Difficile de parler de zone de sécurité pour les carpes sans parler de l’installation du pêcheur ! La discrétion et le camouflage sont des maîtres mots de notre pratique, tant pour se cacher (je n’incite pas à la pêche hors secteur, quoi que…) que pour ne pas effrayer les poissons de la zone. Certains postes exigus impose de se poser à l’arrache sur le peu de berge disponible et de pêcher en « direct live », le talon des cannes à la sortie du biwi. Mais comment expliquer que certains hésitent à décaler les piques d’une petite dizaine de mètres de chaque côté de l’abri afin de gagner en discrétion ! Tous les bruits extérieurs et les lumières intempestives qui alerteraient des poissons en vadrouille sont à éviter. Personnellement, je vais à la pêche pour avant tout essayer de capturer des carpes. Dans ma quête de tranquillité, je fuis les lieux très ou trop pêchés et préfère vivre en ermite dans mon coin, bien qu’un café partagé avec des collègues ne me rebute pas. Mais les côtelettes au feu de bois, le rosé qui va avec et l’agitation sur les berges en pleine nuit m’incitent à changer de coin. C’est là toute la différence entre le camping et la traque de la carpe.
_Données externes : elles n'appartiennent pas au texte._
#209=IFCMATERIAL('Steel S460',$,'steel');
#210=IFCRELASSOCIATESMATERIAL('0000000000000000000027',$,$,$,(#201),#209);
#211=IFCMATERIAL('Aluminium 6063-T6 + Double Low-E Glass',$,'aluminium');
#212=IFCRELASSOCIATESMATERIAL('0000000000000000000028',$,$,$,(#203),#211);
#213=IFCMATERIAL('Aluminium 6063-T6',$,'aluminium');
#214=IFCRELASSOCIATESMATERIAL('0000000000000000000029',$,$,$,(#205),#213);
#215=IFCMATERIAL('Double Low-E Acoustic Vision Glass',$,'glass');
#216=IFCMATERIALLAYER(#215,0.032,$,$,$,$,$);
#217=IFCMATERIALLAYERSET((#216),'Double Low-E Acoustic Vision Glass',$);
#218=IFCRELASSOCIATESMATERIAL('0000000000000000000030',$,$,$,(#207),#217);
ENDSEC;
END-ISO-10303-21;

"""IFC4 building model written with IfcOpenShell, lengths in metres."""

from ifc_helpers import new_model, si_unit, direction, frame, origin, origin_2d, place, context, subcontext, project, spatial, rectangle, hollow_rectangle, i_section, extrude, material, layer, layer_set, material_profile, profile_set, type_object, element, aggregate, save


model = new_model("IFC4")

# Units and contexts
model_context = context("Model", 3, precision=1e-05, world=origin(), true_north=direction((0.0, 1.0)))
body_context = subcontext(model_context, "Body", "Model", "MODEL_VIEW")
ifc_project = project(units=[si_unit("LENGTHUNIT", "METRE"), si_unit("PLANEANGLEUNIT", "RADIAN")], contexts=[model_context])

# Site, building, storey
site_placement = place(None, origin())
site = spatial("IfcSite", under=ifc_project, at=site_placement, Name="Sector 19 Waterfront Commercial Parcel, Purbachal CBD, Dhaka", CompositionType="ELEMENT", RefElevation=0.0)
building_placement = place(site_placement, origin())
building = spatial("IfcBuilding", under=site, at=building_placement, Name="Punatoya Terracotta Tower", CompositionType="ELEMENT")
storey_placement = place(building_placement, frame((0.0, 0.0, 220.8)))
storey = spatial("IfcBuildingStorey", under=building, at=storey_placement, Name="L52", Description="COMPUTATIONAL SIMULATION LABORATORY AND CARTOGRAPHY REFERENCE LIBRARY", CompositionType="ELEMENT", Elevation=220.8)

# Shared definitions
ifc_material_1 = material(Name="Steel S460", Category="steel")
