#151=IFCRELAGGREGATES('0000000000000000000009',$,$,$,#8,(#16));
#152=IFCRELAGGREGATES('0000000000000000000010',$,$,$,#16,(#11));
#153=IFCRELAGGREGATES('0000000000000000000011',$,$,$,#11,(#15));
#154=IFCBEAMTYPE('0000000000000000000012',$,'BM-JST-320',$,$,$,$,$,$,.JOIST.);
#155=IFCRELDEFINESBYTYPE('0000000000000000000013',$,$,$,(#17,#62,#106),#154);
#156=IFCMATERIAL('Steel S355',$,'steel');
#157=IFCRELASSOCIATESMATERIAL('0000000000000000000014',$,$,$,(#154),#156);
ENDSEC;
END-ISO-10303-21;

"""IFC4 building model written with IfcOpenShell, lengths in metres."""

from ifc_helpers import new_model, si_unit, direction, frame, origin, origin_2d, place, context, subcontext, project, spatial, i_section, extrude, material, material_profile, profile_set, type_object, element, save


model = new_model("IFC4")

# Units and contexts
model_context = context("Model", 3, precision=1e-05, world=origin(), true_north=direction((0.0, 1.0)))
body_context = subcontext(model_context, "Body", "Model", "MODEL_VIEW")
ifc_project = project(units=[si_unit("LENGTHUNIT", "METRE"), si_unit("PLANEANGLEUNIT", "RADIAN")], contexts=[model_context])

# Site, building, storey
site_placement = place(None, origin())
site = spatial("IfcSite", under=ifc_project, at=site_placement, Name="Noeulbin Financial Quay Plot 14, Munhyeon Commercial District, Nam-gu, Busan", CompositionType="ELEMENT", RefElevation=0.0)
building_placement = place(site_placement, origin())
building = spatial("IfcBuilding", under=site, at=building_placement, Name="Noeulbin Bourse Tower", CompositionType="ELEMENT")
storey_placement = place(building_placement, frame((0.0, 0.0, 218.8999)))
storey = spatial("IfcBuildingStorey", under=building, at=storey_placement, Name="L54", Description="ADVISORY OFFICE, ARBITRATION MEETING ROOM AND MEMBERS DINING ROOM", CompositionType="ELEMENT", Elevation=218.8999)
Privilégier l’aspect mécanique des montages plutôt que leur camouflage
Hormis sur des eaux limpides et en pleine journée, on peut légitimement s’interroger sur l’utilité de vouloir rendre ses montages invisibles. Je doute qu’une carpe puisse distinguer de nuit ou dans des profondeurs importantes les matériaux employés si les bas de lignes sont correctement présentés te plaqués au fond pour échapper aux barbillons des poissons. Utiliser des montages discrets et adaptés peut sauver la mise dans certaines conditions, mais un montage basique fait normalement bien l’affaire.
Du soluble pour améliorer la présentation des montages
J’utilise personnellement de moins en moins de matériaux solubles pour amorcer autour de mes montages. Je reserve leur utilisation à des cas bien précis, notamment pour améliorer la présentation des bas de ligne et face à des poissons naïfs. Un stringer de quelques bouillettes quand je dois « fouetter » fort, un filet soluble quand les profondeurs sont importantes ou encore un sac soluble contenant un montage à déposer dans les herbiers réduisent considérablement les risques d’emmêlement.
J’ai pris beaucoup de plaisir à lire ce texte, simple, vrai, efficace, je partage évidement pas mal des points abordés par l’auteur.